No es despectivo, es una manera de identificación entre las propias lesbianas.


----------



## esteban

En Colombia, existe la palabra _arepera._
Pero a mi parecer es MUY _ñera_ (http://www.jergasdehablahispana.org/colombia.htm  ) y no te la recomiendo a menos de que te hagas previamente una idea del contexto en el que se suele usar...
Viene de _arepa_ que es una especie de pan de harina de maìz (esto se hace también mucho en Venezuela) que por lo general acompaña la comida. Esta palabra se usa también para referirse a los atributos femeninos...

suerte

esteban


----------



## Ignarciso

No sé si estoy en lo cierto, pero creo que lo de llamar *colegas *a las lesbianas puede venir del hecho de que la asociacion de gays y lesbianas más importante de España se llama *COLEGA* (Colectivo de Gays y Lesbianas).

Esto es una suposición, pero me parece un origen más que probable, ¿qué opináis vosotros?


----------



## Alundra

Ignarciso said:
			
		

> No sé si estoy en lo cierto, pero creo que lo de llamar *colegas *a las lesbianas puede venir del hecho de que la asociacion de gays y lesbianas más importante de España se llama *COLEGA* (Colectivo de Gays y Lesbianas).
> 
> Esto es una suposición, pero me parece un origen más que probable, ¿qué opináis vosotros?


 
Yo creo que también... 

Alundra.


----------



## Laia

Ignarciso said:
			
		

> No sé si estoy en lo cierto, pero creo que lo de llamar *colegas *a las lesbianas puede venir del hecho de que la asociacion de gays y lesbianas más importante de España se llama *COLEGA* (Colectivo de Gays y Lesbianas).
> 
> Esto es una suposición, pero me parece un origen más que probable, ¿qué opináis vosotros?


 
Creo que es una buena suposición, a mi me convence bastante.

Este thread me está recordando a las típicas pintadas que hay en los lavabos... una vez vi una que decía "te quiero como amiga, te quiero como compañera, y no te quiero más porque no soy tortillera". Esta chica no era tortillera, pero era poeta, ya véis  jaja


----------



## Dr. Quizá

Ignarciso said:
			
		

> No sé si estoy en lo cierto, pero creo que lo de llamar *colegas *a las lesbianas puede venir del hecho de que la asociacion de gays y lesbianas más importante de España se llama *COLEGA* (Colectivo de Gays y Lesbianas).
> 
> Esto es una suposición, pero me parece un origen más que probable, ¿qué opináis vosotros?

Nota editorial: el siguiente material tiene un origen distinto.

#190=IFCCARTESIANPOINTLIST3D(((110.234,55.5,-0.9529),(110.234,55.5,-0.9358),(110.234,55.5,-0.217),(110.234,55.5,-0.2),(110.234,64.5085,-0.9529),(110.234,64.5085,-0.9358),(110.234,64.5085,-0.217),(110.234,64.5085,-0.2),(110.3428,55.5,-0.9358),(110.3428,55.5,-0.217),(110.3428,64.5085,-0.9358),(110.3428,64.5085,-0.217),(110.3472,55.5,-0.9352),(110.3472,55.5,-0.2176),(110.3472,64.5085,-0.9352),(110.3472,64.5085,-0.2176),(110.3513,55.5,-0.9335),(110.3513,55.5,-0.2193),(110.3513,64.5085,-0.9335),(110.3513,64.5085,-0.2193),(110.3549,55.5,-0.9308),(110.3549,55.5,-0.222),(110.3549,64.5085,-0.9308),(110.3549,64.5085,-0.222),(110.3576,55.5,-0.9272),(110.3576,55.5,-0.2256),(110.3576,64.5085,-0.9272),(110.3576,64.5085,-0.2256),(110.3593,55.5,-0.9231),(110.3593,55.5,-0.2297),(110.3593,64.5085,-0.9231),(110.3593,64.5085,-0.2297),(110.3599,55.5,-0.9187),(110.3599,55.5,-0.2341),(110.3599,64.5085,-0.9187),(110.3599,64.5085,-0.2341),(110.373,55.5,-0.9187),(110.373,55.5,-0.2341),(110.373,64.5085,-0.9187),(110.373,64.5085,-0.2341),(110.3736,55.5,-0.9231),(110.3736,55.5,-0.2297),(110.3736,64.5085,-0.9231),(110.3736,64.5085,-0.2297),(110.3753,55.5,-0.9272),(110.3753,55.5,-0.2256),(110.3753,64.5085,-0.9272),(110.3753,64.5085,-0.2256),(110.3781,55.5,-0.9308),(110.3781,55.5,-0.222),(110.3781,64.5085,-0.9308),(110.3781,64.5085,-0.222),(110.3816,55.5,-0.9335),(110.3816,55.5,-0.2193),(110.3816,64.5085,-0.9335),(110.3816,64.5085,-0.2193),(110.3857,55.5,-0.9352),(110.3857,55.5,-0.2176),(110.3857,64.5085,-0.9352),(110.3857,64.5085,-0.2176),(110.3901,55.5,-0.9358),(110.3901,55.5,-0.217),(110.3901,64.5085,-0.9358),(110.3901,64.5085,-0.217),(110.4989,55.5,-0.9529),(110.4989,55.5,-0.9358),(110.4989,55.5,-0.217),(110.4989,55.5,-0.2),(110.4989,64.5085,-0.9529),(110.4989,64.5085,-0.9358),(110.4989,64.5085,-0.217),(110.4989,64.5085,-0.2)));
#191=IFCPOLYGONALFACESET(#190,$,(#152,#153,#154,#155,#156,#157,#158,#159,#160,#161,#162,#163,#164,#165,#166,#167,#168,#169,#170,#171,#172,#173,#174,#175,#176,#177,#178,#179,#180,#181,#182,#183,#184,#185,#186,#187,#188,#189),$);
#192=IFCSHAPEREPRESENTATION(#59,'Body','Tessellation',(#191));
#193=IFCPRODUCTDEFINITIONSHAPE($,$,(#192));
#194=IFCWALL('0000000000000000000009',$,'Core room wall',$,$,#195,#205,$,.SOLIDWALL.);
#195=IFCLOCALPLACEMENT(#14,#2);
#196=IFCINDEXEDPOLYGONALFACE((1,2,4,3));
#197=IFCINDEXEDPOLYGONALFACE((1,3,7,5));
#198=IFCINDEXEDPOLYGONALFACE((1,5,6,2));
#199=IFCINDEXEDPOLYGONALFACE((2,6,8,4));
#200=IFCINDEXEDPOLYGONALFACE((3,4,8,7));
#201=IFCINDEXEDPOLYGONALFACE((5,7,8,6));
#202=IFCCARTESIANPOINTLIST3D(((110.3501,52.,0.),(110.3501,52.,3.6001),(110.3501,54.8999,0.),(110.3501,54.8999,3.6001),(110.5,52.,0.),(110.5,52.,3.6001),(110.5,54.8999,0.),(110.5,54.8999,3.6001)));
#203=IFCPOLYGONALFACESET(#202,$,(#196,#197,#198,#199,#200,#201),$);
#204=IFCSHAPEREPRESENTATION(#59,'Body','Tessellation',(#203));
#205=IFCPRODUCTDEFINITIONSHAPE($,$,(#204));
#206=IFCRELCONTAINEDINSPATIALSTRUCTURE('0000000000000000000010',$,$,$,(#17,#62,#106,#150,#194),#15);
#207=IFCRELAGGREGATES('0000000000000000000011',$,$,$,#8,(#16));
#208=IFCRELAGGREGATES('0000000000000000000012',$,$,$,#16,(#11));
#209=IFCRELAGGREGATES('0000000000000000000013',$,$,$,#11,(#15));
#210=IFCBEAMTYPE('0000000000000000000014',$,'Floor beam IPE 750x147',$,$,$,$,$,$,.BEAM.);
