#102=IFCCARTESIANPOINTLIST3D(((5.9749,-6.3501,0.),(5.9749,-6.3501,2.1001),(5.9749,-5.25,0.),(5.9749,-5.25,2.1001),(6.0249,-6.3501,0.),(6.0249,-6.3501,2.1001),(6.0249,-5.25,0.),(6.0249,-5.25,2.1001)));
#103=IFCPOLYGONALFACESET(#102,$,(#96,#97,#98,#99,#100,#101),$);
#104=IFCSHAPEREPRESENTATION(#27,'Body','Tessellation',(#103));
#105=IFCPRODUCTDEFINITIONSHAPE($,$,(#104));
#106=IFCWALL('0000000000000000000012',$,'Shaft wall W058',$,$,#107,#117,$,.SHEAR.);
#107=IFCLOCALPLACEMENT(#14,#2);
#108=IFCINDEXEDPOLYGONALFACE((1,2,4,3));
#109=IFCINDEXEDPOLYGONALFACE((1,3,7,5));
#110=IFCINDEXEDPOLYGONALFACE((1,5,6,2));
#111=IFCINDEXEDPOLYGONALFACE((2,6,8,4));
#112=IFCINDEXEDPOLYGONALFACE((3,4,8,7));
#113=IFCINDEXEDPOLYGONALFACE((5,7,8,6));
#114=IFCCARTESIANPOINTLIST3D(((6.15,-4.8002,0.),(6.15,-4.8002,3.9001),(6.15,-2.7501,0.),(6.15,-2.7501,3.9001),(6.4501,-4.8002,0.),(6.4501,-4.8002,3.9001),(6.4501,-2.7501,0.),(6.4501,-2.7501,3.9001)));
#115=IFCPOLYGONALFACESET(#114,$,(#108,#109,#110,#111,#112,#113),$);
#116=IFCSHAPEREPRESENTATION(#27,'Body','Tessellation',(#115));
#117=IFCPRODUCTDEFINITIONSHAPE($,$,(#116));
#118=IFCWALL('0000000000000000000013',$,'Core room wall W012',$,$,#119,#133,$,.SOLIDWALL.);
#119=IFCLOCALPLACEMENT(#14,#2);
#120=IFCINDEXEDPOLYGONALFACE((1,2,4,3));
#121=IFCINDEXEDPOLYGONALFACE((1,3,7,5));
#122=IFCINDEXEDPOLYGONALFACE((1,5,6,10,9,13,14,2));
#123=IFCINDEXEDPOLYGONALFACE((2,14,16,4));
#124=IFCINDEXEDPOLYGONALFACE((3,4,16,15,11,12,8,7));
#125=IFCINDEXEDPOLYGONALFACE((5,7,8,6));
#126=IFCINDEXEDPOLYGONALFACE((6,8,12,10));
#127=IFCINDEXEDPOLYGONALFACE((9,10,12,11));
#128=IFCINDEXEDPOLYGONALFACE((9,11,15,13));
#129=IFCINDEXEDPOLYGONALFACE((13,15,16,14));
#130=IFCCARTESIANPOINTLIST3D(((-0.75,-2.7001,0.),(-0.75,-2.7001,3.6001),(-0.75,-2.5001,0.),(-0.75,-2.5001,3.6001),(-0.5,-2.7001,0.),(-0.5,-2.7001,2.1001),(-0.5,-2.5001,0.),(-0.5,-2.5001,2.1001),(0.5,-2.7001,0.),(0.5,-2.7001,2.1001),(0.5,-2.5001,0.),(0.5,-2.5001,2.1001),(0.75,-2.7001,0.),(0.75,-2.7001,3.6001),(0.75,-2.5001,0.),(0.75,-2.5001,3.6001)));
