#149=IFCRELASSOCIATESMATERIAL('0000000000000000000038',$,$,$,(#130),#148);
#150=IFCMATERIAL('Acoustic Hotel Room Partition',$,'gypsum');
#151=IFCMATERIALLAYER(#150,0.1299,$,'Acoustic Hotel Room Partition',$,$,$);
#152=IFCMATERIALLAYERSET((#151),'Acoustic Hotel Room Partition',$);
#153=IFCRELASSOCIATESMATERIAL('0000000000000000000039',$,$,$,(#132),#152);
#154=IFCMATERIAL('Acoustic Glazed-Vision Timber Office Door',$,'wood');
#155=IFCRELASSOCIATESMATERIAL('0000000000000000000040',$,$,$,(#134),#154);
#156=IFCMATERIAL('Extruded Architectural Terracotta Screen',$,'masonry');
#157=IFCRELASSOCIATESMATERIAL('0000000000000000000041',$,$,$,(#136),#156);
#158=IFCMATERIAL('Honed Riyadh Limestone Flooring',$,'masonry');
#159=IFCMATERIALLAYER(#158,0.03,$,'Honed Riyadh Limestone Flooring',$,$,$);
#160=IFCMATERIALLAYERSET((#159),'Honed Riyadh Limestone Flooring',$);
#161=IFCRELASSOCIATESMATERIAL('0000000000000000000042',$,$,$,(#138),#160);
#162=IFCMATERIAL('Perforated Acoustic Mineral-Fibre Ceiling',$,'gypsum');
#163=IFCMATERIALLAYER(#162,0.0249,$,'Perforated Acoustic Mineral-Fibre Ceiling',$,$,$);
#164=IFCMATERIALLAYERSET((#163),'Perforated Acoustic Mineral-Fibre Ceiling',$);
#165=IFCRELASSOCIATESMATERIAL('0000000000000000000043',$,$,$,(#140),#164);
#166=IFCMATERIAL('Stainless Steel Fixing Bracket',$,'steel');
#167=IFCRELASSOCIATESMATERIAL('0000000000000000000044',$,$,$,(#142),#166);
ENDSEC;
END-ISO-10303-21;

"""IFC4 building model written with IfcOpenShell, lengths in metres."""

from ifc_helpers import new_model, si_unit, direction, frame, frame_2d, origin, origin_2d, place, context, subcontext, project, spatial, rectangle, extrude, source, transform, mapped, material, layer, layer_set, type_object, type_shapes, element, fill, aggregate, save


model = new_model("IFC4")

A mí me da la impresión de que es al revés, viniendo "COLEGA" de expresiones como "¿entiendes, colega?" donde a su vez "colega" significa "uno de los míos". Pura especulación mía, claro.


----------



## Ignarciso

Podría ser. Yo desde luego no había escuchao a nadie usar la palabra *colega *para decir lesbiana hasta que lo he leido en este foro, así que sólo puedo especular con su origen.


----------



## Laia

Ignarciso said:
			
		

> Yo desde luego no había escuchao a nadie usar la palabra *colega *para decir lesbiana hasta que lo he leido en este foro


Yo tampoco


----------



## Alundra

Ignarciso said:
			
		

> Podría ser. Yo desde luego no había escuchao a nadie usar la palabra *colega *para decir lesbiana hasta que lo he leido en este foro, así que sólo puedo especular con su origen.


 
Ni yo. De hecho yo la uso muchísimo... y pensaba que su uso era sólo el de amigo, compañero, camarada...

Alundra.


----------



## GipSy AnNy

Aqui en Colombia es muy comun denominarlas: AREPERAS, MASA PAN.


----------



## Kouyu

En Méjico hay también *"livais"* (de Levi's)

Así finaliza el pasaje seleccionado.